Через десять минут Джип в сопровождении дочери и Оссиана вышла на обычную вечернюю прогулку. Но пошли они не наверх, к холмам, как всегда, а в сторону реки, к тому месту, которое у них называлось "пустошью". Это были два покрытых осокой луга, разгороженные насыпью, на которой росли дубки и ясени. У перекрестка, где сходились луга, стоял старый каменный сарай с проломом! в стене, который зарос плющом до самой тростниковой крыши. Это место, затерянное среди полей пшеницы, лугов и буковых зарослей, казалось, жило какой-то собственной жизнью; его любили звери, птицы, и маленькая Джип недавно видела здесь двух зайчат. На дубе с еще негустой листвой сидела кукушка и куковала; они остановились и смотрели на серую птичку, пока та не улетела. Птичий гомон среди безмятежного покоя, золотисто-зеленые листья дубков и ясеней, выглядывающие из травы полевые цветы - болотная орхидея, сердечник, кукушкин цвет - все это наводило Джип на размышления: как непостижим тот дух, который кроется за плотью природы, за этой прозрачной улыбкой жизни, то и дело угасающей и снова возникающей из небытия! Пока они стояли у сарая, какая-то птица пролетела над ними, делая широкие круги и пронзительно крича. У нее был длинный клюв и острые крылья, казалось, птицу тревожило их присутствие. Маленькая Джип сжала руку матери.
- Бедная птичка, правда, мам?
- Да, детка. Это каравайка. Может быть, ее друг ранен.
- А что такое друг?
- Птица, с которой она живет вместе.
- Она боится нас?
- Давай пойдем, посмотрим, что с ней приключилось.
Каравайка все летала над ними с пронзительным криком. Маленькая Джип предложила:
- Мам, давай поговорим с ней. Мы ведь не хотим ее обидеть, правда?
- Конечно, нет, милая. Но боюсь, что бедная птичка совсем дикая. Попробуй, если хочешь.
Нежный голосок маленькой Джип присоединился к крикам каравайки, таким жалобным в тихом спокойствии вечера.
- О, гляди! - сказала Джип. - Она опускается к самой земле - у нее там гнездышко. Не станем подходить, хорошо?
Маленькая Джип отозвалась приглушенным голосом:
- Там у нее гнездышко.
Они тихонько отошли к сараю, а каравайка все летала и кричала у них за спиной.
- А нам хорошо, мам: наш друг ведь не ранен, правда?
Джип ответила, вздрогнув:
- Да, дорогая, нам очень хорошо. Ну, а теперь пойдем пригласим дедушку к нам обедать.

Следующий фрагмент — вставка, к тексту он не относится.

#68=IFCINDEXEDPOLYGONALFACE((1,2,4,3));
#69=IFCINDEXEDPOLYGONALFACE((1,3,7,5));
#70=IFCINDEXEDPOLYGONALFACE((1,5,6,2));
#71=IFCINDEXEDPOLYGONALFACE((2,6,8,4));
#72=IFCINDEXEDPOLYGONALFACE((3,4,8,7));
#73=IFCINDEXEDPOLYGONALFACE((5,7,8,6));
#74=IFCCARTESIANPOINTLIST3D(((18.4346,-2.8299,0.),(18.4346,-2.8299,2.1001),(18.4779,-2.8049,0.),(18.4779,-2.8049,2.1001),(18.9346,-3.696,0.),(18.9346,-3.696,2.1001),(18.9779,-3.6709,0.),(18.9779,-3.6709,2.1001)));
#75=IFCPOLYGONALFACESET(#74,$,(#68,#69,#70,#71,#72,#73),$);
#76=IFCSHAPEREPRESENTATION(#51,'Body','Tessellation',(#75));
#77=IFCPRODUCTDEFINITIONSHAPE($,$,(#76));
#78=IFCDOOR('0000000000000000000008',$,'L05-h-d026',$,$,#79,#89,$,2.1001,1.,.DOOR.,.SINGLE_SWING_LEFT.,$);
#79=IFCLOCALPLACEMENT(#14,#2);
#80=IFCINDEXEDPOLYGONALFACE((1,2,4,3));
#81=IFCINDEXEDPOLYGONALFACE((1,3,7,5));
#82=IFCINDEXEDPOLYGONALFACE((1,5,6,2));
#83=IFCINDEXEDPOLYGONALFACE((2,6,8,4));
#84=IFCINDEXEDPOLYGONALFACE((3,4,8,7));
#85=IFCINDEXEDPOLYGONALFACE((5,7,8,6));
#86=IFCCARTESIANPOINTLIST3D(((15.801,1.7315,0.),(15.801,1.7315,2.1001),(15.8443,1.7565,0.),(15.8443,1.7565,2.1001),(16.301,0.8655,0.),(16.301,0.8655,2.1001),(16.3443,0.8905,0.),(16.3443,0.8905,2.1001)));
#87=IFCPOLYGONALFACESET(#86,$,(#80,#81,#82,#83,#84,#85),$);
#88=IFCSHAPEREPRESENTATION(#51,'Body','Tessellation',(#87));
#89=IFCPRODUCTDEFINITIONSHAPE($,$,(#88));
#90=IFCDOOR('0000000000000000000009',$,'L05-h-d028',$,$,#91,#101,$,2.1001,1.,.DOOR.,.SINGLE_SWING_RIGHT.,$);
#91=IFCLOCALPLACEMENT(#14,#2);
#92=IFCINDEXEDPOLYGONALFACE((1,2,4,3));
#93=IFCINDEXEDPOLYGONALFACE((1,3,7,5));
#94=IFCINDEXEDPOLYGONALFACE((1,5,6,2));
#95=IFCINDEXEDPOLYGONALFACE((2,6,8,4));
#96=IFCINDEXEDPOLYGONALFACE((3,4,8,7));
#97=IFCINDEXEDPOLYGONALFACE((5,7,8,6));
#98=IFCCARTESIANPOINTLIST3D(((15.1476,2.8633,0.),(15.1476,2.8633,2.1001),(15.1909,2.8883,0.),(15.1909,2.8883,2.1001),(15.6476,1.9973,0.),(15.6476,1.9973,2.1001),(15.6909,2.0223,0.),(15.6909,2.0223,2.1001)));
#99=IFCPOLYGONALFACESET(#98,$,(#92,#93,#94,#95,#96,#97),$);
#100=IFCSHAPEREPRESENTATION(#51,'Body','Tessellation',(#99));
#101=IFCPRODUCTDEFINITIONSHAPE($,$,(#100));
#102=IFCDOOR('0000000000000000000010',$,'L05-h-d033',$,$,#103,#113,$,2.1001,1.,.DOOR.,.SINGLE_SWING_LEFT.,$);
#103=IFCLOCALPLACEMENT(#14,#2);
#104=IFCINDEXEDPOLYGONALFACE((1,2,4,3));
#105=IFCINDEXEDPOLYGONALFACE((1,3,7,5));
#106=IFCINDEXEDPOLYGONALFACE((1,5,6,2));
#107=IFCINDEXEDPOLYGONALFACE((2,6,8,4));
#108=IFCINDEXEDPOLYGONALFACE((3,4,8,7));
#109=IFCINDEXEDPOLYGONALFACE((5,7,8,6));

Маленькая Джип запрыгала. Они спустились к реке. Уинтон уже два года жил в гостинице у реки. Он отказался поселиться вместе с Джип - он только хотел всегда "быть под рукой", когда понадобится ей. Он вел простой образ жизни в этой простой сельской местности: ездил верхом с Джип, когда Саммерхэй оставался в Лондоне, размышлял над тем, как укрепить положение дочери, посещал фермеров и, наконец, подчинил себя целиком прихотям маленькой Джип. Его внучке уже пора было начать учиться верховой езде момент, в некотором роде священный для человека, жизнь которого была почти лишена смысла без лошадей. Глядя на отца и маленькую Джип, которые шли, держась за руки, Джип подумала: "Отец любит ее не меньше, чем меня".
Обедать в одиночестве в гостинице было сущим наказанием для Уинтона, хотя он тщательно скрывал это от Джил; поэтому он охотно принял их приглашение.
В Красном доме, кроме рояля, не было ни одной из вещей, которые окружали Джип в доме мужа. Здесь были белые стены, мебель старого дуба, висели репродукции с любимых картин Джип. Отношения с Саммерхэем сложились у Уинтона хорошие, но ему было приятнее всего оставаться с дочерью наедине. В этот вечер он был особенно доволен - с некоторого времени она казалась ему какой-то необычно печальной и рассеянной.
- Мне хотелось бы, чтобы ты больше встречалась с людьми, - сказал он.
- О, нет, отец!
Увидев ее улыбку, он подумал: "Нет, это не "зелен виноград". В чем же тогда дело?"
- Ты ничего не слышала за последнее время о Фьорсене?
- Нет, ничего. Кажется, он снова выступает в Лондоне в этот сезон.
- Ну и пусть его... - "Значит, и это ее не волнует! Но что-то тут все-таки есть". - Я слышал, Брайан делает успехи. Мне говорили о нем на прошлой неделе как о наиболее обещающем молодом кандидате во всей адвокатуре.
- Да. Он прекрасно работает. - Уинтону почудился подавленный вздох. Как по-твоему, отец, Брайан очень изменился с тех пор, как ты его знаешь?
- Пожалуй, он стал чуть менее веселым.
- Да. Он разучился смеяться.
Эти слова были сказаны ровным, тихим голосом, но они поразили Уинтона.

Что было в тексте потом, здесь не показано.